UK Budget launches second Offshore Disclosure Facility
The UK government released its 2009 Budget, on 22 April 2009, which contained new anti-avoidance measures, the launch of a second offshore tax amnesty, the introduction of a new top income tax rate and a number of tax measures aimed at businesses and individuals, including details on the implementation of the new foreign profit taxation measures.
The government announced that it intends to step up efforts to fight tax evasion and challenge tax avoidance schemes, saying it expects to raise £1 billion by closing loopholes over the next three years.
The proposed measures include HMRC's publication of the names of deliberate tax defaulters, new reporting requirements for tax defaulters, new duties on senior accounting officers to ensure that corporate tax returns are accurate, an expansion of the Disclosure of Tax Avoidance Schemes regime, and the introduction of a taxation code of practice for the banking sector.
The government also announced it will introduce a targeted anti-avoidance rule to stop the use of schemes that seek to exploit the foreign exchange tax matching rules, introduce legislation targeting avoidance schemes involving financial products, clarify the double taxation rules to counter abusive schemes, introduce legislation to stop the abuse of the manufactured overseas dividend rules, and clarify the intangible fixed assets regime rules by confirming that goodwill is treated as intended.
As previously announced, the government said it was to launch a second Offshore Disclosure Facility (ODF) in the third quarter of 2009. As with the first ODF, introduced in April 2007, UK citizens will have a limited period to come forward and settle undisclosed offshore tax liabilities. Participants will be required to pay back taxes, interest, and a penalty. The government said the penalty regime would be announced before the ODF opens.
The biggest change to personal income taxes was the introduction of a third tax rate, to be levied at 50% on income over £150,000. The new rate will take effect in April 2010. (There are currently two personal income tax rates - the basic 20% rate, which applies to taxable income up to £37,400, and the higher 40% rate, which applies to taxable income over £37,400.)
The government had originally said in the November 2008 pre-Budget report that the new tax rate would be 45% and that it would take effect in April 2011. In his Budget speech, Chancellor of the Exchequer Alistair Darling said he decided to increase the new tax rate and implement it a year earlier "to help pay for additional support for people now".
The government also announced that starting in April 2010, the personal tax allowance would be gradually reduced to nil for those with adjusted net income over £100,000. Also, starting in April 2011, tax relief on pension contributions will be restricted to the basic rate for individuals with an annual income of £150,000 or higher. The government said that in anticipation of this new restriction, it would implement special rules, to apply from 22 April 2009, which will restrict the higher-rate tax relief on pension contributions for individuals.

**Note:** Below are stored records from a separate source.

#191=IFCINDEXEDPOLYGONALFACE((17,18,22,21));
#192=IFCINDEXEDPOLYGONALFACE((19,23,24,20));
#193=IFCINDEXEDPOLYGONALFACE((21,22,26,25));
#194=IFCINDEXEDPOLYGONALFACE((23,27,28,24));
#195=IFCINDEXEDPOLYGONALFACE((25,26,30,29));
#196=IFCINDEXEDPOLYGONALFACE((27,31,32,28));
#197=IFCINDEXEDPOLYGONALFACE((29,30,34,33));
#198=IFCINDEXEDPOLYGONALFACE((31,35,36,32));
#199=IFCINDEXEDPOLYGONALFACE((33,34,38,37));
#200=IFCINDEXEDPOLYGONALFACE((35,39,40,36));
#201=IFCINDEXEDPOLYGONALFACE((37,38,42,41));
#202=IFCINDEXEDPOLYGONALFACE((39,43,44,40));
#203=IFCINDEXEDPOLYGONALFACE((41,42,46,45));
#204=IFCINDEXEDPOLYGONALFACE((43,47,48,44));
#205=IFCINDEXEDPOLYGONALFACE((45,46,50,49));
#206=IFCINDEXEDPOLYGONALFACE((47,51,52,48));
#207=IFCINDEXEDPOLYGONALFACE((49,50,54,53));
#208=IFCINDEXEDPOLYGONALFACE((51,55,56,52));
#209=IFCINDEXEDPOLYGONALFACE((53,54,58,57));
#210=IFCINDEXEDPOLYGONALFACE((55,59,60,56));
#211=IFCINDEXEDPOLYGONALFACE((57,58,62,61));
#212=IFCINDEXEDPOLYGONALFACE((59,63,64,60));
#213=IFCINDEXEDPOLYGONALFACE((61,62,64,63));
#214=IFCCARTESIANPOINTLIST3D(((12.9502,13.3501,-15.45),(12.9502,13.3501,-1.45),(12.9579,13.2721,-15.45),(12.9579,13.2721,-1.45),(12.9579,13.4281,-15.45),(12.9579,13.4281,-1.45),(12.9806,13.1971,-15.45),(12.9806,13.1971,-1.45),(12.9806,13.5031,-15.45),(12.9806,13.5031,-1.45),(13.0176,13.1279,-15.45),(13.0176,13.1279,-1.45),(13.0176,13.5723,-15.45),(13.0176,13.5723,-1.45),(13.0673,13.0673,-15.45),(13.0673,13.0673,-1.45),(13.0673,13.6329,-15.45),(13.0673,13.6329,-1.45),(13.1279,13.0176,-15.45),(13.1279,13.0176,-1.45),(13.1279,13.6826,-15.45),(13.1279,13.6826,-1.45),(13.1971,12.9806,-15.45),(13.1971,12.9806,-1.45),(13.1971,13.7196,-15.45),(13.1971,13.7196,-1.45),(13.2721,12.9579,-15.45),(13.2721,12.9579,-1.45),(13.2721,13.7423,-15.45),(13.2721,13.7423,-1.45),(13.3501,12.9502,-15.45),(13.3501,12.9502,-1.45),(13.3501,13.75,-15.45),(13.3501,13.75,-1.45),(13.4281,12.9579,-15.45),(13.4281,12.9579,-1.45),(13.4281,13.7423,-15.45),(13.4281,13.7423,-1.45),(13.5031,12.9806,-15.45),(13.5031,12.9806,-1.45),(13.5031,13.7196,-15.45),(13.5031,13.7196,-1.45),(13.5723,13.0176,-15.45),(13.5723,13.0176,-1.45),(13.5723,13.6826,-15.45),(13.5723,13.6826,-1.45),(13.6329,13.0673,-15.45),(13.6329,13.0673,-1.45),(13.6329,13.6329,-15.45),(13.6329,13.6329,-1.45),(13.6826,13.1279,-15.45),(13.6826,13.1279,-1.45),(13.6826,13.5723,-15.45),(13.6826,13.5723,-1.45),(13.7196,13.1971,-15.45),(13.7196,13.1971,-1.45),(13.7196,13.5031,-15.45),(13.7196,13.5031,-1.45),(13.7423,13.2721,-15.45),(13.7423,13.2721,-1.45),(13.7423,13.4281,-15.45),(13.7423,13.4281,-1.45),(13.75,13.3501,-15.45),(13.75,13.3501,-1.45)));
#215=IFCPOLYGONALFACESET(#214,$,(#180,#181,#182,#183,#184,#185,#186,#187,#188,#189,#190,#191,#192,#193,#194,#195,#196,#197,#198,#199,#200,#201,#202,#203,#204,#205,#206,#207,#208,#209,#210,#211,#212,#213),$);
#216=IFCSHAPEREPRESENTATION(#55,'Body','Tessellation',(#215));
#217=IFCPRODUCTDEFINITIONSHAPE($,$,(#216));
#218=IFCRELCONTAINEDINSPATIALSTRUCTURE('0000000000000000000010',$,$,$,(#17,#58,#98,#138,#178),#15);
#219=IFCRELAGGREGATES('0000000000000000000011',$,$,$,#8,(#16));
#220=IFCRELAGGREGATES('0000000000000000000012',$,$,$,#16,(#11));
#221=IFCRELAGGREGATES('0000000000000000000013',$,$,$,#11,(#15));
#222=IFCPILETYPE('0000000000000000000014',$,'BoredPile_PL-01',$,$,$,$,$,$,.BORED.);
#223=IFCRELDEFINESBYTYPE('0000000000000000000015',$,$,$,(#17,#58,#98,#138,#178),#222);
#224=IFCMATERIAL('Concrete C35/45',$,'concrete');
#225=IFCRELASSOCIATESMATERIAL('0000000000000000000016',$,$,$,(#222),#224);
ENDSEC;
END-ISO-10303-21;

The foreign profits reform package will take effect this year. Starting 1 July 2009, foreign dividends received by UK companies will be exempt from UK corporate income tax. The exemption will be accompanied by a worldwide debt cap on interest, under which finance expenses payable by UK members of a group of companies will be subject to a cap equal to the consolidated gross finance expense of that group. The debt cap rules will apply to finance expenses payable in accounting periods beginning on or after 1 January 2010.
As part of the reform package, the Treasury Consents rules (which require companies to get approval from HM Treasury before they undertake certain transactions involving subsidiaries that reside outside the UK) will be repealed and replaced by a post-transaction information reporting requirement, which will apply to transactions undertaken on or after 1 July 2009.
Because of the new foreign dividend exemption, the exemption for superior and non-local holding companies and the acceptable distribution policy exemption will be removed from the controlled foreign companies rules. The changes to the CFC regime will take effect for accounting periods starting on or after 1 July 2009, though a two-year transition period will be available for some holding companies.
To spur economic growth and increase the competitiveness of UK businesses, the government also called for an increase in capital allowances for new investment to 40% for one year; the development of a £750 million Strategic Investment Fund to support advanced industrial projects of "strategic importance", of which a third of the funding will be applied to low-carbon projects; and a review of the UK's tax treatment of intellectual property.